The native Mississippian acknowledged that JSU is facing a challenge with its rainy day fund and that many other universities endure such obstacles. “We want to have a full understanding of the current circumstances. … Jackson State is working toward reaching solid financial ground … and we’re going to fulfill our mission toward the future that’s been put in place by our forefathers and foremothers.”

Moreover, Paige said, corrective actions are under way, and once all the data have been accumulated that information would be widely shared. “This is a public institution. … We want the public to be our friend and support us. We owe them the explanation.”


Since returning to Mississippi, Paige has met with legislators, campus officials and students.
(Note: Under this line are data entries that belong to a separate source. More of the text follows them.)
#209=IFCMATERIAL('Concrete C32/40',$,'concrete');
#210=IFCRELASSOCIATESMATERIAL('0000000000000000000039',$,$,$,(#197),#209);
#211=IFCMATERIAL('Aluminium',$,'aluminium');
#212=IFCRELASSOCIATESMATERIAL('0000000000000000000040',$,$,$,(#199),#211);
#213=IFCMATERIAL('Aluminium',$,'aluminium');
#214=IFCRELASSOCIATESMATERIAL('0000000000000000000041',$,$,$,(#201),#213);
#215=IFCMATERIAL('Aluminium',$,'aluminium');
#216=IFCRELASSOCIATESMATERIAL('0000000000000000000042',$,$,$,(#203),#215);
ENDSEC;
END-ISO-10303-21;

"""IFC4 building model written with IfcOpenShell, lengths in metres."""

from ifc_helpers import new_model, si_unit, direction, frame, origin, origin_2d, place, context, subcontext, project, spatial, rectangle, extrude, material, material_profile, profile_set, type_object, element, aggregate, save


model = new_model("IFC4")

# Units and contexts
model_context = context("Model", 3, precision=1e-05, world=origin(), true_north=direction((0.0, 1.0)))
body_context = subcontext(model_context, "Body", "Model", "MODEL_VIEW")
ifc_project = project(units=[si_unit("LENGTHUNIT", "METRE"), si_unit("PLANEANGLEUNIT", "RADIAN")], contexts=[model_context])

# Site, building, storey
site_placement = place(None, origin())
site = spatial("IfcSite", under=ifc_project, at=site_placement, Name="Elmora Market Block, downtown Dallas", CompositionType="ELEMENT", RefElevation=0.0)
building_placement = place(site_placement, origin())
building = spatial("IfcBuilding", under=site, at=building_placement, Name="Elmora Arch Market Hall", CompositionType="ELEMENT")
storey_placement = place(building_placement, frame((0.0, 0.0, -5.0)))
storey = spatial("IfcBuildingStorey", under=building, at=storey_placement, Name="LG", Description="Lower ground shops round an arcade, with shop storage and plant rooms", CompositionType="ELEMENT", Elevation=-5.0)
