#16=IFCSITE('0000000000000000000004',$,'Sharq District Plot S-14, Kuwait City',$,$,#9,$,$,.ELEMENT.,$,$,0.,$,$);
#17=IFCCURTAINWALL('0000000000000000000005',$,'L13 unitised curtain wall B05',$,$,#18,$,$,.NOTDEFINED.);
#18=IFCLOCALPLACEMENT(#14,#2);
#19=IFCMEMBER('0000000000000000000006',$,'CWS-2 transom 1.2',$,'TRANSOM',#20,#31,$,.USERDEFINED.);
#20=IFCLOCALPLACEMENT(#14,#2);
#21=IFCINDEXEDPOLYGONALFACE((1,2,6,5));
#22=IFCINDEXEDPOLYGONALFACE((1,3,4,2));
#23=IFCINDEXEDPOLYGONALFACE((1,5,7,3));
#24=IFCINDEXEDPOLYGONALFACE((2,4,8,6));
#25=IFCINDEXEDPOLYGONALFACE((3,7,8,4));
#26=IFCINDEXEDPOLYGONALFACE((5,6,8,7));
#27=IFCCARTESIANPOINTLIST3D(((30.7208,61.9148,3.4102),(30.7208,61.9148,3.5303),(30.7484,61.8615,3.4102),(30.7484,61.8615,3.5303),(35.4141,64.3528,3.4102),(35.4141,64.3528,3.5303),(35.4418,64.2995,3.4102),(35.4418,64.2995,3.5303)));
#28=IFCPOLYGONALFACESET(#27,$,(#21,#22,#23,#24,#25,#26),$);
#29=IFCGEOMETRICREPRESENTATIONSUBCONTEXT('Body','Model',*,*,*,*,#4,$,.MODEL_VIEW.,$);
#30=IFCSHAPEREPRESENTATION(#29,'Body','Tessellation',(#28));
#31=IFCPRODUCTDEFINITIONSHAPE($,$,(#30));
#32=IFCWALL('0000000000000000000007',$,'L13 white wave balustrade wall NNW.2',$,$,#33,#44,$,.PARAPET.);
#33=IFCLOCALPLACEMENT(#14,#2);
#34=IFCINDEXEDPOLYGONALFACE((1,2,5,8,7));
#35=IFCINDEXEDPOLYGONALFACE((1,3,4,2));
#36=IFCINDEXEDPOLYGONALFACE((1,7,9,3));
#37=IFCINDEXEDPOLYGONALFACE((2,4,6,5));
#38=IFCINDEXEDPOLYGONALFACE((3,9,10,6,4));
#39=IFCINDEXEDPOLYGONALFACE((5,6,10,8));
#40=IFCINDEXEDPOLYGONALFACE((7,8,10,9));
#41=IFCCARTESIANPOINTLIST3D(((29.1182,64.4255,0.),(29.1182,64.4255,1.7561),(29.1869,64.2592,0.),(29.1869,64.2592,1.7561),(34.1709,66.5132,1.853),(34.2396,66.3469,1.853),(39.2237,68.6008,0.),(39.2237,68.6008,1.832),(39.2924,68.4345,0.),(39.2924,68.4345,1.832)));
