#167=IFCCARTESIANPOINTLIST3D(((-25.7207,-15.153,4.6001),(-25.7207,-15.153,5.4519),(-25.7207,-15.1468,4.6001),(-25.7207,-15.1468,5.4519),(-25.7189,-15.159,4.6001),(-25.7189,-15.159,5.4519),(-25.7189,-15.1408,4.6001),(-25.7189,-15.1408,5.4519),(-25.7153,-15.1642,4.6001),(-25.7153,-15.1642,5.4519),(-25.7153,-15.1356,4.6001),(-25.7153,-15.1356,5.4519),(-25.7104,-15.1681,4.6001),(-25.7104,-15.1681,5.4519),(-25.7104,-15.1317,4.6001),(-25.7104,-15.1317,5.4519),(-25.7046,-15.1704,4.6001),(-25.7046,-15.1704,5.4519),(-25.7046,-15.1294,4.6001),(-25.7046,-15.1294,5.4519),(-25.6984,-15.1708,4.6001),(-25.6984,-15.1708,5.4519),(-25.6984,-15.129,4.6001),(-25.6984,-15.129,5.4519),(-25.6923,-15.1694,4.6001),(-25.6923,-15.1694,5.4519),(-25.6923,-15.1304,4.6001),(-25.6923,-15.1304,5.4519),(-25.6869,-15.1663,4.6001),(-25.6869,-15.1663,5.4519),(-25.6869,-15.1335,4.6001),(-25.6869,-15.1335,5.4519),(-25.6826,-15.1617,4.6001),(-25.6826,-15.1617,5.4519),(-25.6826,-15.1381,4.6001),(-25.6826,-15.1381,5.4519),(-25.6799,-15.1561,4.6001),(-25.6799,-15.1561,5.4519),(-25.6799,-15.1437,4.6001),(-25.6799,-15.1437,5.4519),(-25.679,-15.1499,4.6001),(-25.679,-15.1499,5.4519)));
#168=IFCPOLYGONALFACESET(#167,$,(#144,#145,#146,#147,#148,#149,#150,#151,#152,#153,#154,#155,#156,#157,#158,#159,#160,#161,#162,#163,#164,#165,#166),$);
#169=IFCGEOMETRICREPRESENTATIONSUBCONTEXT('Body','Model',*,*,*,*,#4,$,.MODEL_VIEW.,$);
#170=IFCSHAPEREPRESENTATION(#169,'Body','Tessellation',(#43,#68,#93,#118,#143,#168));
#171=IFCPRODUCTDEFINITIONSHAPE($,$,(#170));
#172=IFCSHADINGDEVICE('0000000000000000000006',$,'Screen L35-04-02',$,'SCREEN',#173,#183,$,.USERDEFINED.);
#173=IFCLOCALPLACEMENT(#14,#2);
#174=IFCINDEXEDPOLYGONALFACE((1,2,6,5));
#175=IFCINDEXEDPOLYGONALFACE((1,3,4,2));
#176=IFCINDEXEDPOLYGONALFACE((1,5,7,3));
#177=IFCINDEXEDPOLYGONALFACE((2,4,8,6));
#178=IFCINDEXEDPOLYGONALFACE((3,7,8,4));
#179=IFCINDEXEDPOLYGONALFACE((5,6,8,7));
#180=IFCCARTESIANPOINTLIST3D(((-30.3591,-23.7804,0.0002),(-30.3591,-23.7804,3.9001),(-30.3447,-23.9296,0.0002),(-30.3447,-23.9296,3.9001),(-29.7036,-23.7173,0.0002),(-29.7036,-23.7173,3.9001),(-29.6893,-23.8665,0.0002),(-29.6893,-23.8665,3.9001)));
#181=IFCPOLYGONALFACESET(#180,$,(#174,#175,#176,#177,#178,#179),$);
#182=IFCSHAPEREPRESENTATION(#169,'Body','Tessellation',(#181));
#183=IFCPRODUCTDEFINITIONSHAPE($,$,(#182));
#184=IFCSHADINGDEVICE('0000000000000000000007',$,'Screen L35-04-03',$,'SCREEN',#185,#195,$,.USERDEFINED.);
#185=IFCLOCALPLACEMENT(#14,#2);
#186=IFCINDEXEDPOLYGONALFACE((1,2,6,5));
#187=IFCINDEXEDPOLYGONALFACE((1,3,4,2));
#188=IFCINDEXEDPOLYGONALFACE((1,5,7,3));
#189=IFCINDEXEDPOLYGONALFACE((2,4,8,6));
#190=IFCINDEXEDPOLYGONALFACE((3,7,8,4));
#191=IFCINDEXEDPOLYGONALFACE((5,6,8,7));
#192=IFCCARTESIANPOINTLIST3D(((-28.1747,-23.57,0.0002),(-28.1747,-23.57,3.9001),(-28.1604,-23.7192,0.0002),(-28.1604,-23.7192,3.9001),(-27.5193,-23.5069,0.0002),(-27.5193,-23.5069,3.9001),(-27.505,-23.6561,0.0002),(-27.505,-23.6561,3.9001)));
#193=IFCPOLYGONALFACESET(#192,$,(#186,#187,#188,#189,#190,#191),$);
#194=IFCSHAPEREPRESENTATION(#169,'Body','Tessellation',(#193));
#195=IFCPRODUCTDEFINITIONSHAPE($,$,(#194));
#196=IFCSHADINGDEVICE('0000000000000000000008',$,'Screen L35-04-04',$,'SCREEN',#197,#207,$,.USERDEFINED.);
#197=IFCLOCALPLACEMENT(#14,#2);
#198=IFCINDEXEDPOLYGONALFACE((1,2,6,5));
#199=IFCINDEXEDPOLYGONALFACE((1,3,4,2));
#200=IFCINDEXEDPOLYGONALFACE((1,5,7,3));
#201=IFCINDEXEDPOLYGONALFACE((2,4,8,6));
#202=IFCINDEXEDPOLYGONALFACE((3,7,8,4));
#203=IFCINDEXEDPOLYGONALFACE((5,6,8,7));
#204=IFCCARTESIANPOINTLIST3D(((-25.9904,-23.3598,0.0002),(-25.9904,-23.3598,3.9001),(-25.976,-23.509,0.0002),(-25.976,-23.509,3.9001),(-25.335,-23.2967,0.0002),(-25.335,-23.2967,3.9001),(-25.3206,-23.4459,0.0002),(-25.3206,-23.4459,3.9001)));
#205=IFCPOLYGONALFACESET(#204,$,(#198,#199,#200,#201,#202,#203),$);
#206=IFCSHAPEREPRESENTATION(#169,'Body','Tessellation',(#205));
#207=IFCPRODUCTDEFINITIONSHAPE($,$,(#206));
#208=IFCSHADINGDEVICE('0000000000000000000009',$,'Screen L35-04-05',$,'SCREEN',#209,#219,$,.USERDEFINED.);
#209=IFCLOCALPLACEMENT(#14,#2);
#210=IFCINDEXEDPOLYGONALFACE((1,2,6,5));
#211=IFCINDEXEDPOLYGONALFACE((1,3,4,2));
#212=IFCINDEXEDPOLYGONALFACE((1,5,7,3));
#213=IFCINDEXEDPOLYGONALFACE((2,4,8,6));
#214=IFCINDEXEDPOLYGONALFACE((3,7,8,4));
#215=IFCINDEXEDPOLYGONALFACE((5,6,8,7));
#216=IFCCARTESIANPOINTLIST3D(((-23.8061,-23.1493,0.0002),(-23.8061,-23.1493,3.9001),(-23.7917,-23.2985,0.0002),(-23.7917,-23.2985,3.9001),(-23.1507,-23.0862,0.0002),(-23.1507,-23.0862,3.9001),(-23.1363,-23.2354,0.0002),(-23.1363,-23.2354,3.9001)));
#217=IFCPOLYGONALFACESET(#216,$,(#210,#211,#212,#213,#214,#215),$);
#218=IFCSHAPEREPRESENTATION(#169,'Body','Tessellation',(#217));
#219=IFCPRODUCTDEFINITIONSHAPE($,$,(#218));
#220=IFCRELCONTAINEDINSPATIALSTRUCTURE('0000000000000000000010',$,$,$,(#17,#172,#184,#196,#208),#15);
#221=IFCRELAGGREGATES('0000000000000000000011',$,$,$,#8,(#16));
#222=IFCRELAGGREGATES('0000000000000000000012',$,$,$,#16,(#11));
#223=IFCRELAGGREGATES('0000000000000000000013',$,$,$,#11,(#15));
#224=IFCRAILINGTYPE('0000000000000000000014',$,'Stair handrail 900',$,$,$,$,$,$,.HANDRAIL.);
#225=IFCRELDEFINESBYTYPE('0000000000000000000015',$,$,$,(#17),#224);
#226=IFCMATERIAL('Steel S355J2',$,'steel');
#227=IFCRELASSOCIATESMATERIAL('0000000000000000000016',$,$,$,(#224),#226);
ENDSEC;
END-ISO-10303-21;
He also plans to engage community members. “You can tell by the depth of their questions that they have a real strong interest in the university, and they want the best for the university. We need to try to provide them with information so that they can fulfill their mission as friends of the university.”

In addition, Paige recently spoke to the president of the JSU National Alumni Association, and said, “We’re talking about ways that we can get our arms around this issue.”

Paige indicated changes are on the horizon administratively, too. “If things don’t change, they stay the same. And clearly, we don’t want the same.” He said JSU has positively altered lives, including his. “Much of what I’ve achieved I can look back and say this university had a direct influence on me. I would never have been U.S. Secretary of Education absent my education at Jackson State. If that’s true for me, imagine how many other people in the world that is true for.”

He indicated that the university’s growth would be defined by quality, not simply enrollment numbers. “We’re talking about the university’s image throughout the world, throughout Mississippi and throughout the United States.”